E’ mio desiderio, oggi, di condividere una riflessione ispirata  dalla Festa della Divina Misericordia, Festa e riflessione che calzano alla perfezione anche con una visione culturale laica, orientata ad un’ecologia mentale, che ci guida ad un atteggiamento di fiducia profonda in noi stessi e nel nostro prossimo e per chi crede, in quella Misericordia che si concretizza nella consapevolezza di ricevere in abbondanza a nostra volta, nelle inevitabili traversie delle nostre vite, comprensione per i nostri limiti, perdono per i nostri errori, accettazione per il nostro diritto a non omologarci, in misura proporzionata a quanto noi viviamo tutto ciò, con il nostro prossimo.

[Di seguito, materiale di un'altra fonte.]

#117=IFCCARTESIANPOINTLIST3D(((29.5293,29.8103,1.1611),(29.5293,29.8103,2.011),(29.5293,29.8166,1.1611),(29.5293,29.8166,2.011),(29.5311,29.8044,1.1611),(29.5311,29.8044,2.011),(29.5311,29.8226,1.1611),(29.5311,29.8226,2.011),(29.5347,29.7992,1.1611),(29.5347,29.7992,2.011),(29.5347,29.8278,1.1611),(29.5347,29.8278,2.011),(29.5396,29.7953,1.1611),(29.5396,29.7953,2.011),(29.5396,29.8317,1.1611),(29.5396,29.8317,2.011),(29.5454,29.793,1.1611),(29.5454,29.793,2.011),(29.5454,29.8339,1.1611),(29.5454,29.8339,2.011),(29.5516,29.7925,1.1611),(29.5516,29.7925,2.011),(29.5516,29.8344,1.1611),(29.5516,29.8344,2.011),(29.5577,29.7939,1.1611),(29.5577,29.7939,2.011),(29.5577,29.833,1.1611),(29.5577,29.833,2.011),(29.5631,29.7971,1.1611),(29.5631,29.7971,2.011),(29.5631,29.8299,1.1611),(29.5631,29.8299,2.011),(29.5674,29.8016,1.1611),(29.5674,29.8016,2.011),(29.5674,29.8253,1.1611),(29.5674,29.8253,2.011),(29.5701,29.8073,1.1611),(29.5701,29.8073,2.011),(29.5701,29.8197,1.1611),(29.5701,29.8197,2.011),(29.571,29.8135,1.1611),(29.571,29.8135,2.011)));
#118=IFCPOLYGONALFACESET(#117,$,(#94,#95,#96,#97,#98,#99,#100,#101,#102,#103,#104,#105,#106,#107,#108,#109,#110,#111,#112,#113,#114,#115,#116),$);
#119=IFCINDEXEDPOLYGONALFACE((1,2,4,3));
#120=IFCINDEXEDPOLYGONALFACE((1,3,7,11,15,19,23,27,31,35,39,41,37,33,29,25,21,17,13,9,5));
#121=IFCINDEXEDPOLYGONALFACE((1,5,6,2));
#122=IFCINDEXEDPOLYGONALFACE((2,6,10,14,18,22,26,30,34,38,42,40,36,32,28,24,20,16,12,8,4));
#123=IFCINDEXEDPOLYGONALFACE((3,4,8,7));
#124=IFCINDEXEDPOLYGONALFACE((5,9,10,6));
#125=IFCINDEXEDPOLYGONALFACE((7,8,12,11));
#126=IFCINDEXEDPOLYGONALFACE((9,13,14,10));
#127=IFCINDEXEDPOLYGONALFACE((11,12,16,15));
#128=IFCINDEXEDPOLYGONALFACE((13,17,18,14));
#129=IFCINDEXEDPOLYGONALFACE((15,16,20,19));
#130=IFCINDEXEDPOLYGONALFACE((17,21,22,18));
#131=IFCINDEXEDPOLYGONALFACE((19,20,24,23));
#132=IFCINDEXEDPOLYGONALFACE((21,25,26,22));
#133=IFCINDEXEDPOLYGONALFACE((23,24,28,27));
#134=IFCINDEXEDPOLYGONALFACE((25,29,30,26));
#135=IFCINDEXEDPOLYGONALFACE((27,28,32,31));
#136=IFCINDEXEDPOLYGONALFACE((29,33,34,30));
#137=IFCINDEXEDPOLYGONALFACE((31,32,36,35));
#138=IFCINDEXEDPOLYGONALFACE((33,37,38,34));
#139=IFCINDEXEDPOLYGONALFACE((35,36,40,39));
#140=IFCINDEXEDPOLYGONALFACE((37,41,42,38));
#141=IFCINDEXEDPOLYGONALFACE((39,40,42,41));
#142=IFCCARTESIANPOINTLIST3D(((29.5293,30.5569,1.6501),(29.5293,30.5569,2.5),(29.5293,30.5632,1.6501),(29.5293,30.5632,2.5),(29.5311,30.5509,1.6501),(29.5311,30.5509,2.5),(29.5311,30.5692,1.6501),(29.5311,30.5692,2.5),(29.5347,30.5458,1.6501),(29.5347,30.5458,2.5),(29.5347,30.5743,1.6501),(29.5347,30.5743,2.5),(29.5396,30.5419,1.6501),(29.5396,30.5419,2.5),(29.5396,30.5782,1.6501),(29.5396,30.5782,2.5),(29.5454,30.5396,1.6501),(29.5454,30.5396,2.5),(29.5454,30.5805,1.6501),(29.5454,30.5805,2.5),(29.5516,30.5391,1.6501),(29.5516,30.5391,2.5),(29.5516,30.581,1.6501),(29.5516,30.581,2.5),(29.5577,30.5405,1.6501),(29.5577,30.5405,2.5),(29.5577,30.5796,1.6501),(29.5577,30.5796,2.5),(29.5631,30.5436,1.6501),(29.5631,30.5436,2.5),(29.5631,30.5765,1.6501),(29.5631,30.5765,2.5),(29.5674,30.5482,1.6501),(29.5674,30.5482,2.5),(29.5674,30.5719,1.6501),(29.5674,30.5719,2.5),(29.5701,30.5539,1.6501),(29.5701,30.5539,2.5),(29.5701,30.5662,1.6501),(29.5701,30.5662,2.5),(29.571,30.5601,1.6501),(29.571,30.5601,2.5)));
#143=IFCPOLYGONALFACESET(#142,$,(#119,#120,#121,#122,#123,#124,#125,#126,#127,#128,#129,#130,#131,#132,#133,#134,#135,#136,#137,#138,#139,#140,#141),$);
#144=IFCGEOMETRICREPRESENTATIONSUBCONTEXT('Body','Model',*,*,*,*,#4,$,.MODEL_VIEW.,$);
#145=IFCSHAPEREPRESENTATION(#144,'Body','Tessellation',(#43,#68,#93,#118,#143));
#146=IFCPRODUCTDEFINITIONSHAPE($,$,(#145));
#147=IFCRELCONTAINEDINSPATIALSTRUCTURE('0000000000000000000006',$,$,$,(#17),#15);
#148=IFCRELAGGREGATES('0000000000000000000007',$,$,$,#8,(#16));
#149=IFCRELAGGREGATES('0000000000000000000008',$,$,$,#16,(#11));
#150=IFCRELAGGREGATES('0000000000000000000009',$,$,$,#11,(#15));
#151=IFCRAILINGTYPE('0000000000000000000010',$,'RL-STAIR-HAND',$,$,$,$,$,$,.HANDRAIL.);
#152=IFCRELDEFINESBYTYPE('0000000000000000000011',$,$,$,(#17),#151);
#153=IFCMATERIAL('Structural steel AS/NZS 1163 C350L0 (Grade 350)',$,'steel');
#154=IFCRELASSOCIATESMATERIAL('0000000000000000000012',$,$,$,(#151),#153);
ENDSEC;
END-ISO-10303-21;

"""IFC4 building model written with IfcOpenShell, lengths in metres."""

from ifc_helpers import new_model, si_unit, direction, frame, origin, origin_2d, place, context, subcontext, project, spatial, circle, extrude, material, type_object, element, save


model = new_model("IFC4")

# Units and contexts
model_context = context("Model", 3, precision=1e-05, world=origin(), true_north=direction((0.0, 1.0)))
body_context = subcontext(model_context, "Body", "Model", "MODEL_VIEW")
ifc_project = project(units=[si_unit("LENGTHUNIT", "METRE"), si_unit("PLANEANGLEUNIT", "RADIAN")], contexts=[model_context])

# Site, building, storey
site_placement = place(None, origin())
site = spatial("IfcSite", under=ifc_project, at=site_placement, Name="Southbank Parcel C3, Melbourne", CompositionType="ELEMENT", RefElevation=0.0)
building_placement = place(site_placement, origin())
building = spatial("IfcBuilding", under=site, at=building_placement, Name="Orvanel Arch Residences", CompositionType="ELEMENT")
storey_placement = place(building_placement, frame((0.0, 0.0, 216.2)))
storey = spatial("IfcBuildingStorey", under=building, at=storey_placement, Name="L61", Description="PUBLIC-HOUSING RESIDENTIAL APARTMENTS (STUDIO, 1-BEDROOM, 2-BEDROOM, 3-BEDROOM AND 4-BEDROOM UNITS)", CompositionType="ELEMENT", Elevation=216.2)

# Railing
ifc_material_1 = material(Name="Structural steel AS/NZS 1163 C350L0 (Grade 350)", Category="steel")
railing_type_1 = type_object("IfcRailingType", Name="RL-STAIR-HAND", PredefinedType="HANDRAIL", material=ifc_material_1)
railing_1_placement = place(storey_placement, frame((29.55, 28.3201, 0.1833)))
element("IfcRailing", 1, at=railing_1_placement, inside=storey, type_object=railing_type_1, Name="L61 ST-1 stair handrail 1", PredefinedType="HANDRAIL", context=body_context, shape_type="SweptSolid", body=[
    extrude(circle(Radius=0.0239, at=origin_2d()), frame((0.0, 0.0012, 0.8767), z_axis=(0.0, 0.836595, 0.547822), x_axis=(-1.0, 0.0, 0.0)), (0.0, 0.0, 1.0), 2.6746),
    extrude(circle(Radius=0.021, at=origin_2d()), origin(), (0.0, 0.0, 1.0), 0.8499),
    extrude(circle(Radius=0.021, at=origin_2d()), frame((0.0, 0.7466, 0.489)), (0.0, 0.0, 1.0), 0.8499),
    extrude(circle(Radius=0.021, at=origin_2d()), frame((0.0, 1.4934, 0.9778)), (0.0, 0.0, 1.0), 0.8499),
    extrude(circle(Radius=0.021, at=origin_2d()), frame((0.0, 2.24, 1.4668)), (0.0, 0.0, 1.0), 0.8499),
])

Perché questa riflessione e perché proprio oggi?
Confesso, da vaccinato con Astra Zeneca, il mio profondo fastidio nel recepire le “notizie apocalittiche” sui complotti collegati alla pandemia ed agli “oscuri progetti stragisti” legati a certi vaccini. Certe notizie non vanno neanche prese in considerazione e trovo assurda ricerca di dietrologie, il sospetto, il benaltrismo, il voler vedere a tutti i costi, negli eventi della storia di questa nostra povera umanità, il “braccio della giustizia divina, pronto a brandire la mannaia della morte per spianare un’umana genia, resasi colpevole di ignobili scelte”.

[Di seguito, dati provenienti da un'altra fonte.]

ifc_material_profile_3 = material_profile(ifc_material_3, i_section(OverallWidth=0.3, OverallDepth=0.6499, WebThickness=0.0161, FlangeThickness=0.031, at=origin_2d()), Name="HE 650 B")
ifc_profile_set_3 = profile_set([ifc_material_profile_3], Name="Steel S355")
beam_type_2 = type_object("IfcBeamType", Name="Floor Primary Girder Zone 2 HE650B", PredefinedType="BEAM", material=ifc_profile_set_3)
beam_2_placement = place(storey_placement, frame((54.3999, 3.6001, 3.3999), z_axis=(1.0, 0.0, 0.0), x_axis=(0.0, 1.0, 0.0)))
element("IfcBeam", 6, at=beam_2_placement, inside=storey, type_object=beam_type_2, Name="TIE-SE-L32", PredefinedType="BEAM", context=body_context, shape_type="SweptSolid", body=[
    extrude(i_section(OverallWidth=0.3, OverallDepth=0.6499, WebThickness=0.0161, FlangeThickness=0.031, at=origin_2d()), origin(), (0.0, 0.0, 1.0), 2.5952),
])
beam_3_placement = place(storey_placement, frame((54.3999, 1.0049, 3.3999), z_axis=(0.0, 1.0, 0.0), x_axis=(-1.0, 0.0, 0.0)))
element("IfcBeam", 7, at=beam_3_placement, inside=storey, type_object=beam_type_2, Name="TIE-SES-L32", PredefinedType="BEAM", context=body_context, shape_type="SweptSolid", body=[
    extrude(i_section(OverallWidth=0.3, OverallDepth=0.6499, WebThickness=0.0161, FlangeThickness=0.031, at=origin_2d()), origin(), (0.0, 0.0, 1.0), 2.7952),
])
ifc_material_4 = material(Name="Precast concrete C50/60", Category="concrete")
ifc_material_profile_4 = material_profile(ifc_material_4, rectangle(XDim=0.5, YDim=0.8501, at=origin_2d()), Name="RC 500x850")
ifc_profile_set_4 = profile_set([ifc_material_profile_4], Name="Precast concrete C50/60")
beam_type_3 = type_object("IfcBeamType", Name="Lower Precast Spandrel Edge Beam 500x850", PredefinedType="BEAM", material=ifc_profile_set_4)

Tutto ciò è l’antitesi della Volontà di un Dio, come quello Cristiano, che nella consapevolezza della nostra libertà e della nostra estrema fragilità, ci dona strumenti e braccia spalancate per costruire percorsi di “rinascita” e recupero da eventi collegati spesso a scelte scellerate da parte dell’uomo (manipolazioni genetiche, uso scriteriato delle scoperte scientifiche, corsa agli armamenti, economie iperliberiste …) ma anche a processi di evoluzione naturale, che da sempre affliggono la vita sulla Terra.

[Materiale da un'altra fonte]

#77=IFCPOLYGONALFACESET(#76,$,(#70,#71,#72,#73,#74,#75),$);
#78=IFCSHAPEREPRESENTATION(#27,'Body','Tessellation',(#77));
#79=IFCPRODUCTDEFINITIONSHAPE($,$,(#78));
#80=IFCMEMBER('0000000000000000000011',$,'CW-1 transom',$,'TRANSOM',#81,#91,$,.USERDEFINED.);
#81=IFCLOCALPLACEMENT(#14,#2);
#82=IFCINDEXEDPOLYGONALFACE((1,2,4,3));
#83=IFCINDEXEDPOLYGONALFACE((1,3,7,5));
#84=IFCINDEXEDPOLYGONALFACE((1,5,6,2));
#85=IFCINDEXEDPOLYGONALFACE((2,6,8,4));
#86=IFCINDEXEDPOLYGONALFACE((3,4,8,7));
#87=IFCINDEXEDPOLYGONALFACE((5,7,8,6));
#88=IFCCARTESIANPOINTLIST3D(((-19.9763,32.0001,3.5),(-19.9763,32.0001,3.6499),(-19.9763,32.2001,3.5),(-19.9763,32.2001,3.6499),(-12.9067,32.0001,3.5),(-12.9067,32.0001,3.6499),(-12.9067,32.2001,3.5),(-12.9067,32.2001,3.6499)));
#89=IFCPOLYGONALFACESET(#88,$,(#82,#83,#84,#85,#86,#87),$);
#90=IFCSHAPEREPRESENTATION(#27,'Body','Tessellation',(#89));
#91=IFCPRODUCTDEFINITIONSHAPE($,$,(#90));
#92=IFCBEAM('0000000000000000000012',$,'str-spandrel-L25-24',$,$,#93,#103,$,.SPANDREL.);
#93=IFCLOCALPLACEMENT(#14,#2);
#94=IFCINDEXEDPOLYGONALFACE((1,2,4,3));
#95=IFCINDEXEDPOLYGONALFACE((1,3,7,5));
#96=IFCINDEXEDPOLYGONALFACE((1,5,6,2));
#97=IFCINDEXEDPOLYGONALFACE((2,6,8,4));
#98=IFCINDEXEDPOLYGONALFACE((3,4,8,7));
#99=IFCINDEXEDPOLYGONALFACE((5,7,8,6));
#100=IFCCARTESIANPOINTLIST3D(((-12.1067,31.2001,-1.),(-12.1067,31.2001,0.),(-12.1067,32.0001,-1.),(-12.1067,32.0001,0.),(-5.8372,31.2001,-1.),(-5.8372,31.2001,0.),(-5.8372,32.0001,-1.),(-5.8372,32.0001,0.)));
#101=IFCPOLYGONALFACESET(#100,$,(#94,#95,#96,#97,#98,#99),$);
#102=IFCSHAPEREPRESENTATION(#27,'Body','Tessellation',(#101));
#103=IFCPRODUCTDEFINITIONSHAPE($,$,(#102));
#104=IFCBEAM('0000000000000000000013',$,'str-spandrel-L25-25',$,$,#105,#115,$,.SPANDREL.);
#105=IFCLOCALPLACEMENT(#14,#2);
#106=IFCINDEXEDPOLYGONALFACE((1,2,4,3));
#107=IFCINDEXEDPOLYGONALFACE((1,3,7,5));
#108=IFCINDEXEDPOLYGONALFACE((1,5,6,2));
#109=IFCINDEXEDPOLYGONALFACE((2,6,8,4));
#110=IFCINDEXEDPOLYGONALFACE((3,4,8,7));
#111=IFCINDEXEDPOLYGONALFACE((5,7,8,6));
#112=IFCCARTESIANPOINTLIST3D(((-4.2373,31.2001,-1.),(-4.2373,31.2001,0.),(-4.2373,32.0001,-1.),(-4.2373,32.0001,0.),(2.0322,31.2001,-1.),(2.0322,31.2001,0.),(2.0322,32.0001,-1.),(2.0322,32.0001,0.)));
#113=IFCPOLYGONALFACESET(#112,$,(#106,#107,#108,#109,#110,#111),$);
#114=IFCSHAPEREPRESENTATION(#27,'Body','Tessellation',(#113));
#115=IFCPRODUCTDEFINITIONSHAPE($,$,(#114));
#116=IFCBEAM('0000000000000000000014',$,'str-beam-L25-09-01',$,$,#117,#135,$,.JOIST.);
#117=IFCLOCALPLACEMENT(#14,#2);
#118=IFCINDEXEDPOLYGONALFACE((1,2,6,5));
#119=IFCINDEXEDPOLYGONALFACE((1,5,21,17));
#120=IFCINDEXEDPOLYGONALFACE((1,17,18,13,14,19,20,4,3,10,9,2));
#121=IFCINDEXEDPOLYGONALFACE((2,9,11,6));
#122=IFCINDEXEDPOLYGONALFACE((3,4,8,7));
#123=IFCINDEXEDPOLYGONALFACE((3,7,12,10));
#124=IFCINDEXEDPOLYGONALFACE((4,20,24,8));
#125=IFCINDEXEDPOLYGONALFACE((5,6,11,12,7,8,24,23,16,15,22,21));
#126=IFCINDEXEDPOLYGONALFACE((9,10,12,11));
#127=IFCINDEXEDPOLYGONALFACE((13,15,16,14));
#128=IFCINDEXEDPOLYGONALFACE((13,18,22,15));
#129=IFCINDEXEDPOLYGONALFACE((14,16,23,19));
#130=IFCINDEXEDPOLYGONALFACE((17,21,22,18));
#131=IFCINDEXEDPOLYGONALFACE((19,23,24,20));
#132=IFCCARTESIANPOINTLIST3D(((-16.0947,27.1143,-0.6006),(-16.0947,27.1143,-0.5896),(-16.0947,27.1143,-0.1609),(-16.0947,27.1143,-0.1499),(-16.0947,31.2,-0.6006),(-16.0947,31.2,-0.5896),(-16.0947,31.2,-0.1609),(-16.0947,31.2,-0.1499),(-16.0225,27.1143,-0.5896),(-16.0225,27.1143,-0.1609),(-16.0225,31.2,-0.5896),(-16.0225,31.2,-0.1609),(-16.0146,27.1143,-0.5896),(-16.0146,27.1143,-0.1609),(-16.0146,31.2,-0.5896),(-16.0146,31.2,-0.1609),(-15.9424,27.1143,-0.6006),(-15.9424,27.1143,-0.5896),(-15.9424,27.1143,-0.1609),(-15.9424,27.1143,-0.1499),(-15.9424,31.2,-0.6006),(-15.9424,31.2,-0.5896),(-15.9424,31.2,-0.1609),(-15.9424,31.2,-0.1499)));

In tutto ciò, l’atteggiamento con cui affrontiamo l’inevitabile che oggi incombe su di noi, da come lo accogliamo a come ad esso reagiamo, fa la differenza nella ricerca di vie d’uscita che ci preservino non solo dal contagio da virus, ma anche dal deterioramento della nostra salute mentale (tanto messa alla prova in questo momento) e non da ultimo, da come ci rapportiamo con il nostro prossimo.
Lo dico soprattutto a me stesso, ma desidero farne dono a tutti coloro che mi stanno a cuore: cerchiamo di essere sempre misericordiosi con noi stessi, non prendiamoci troppo sul serio, i nostri limiti non sono una condanna, sono il giusto stimolo a cercare di migliorarci!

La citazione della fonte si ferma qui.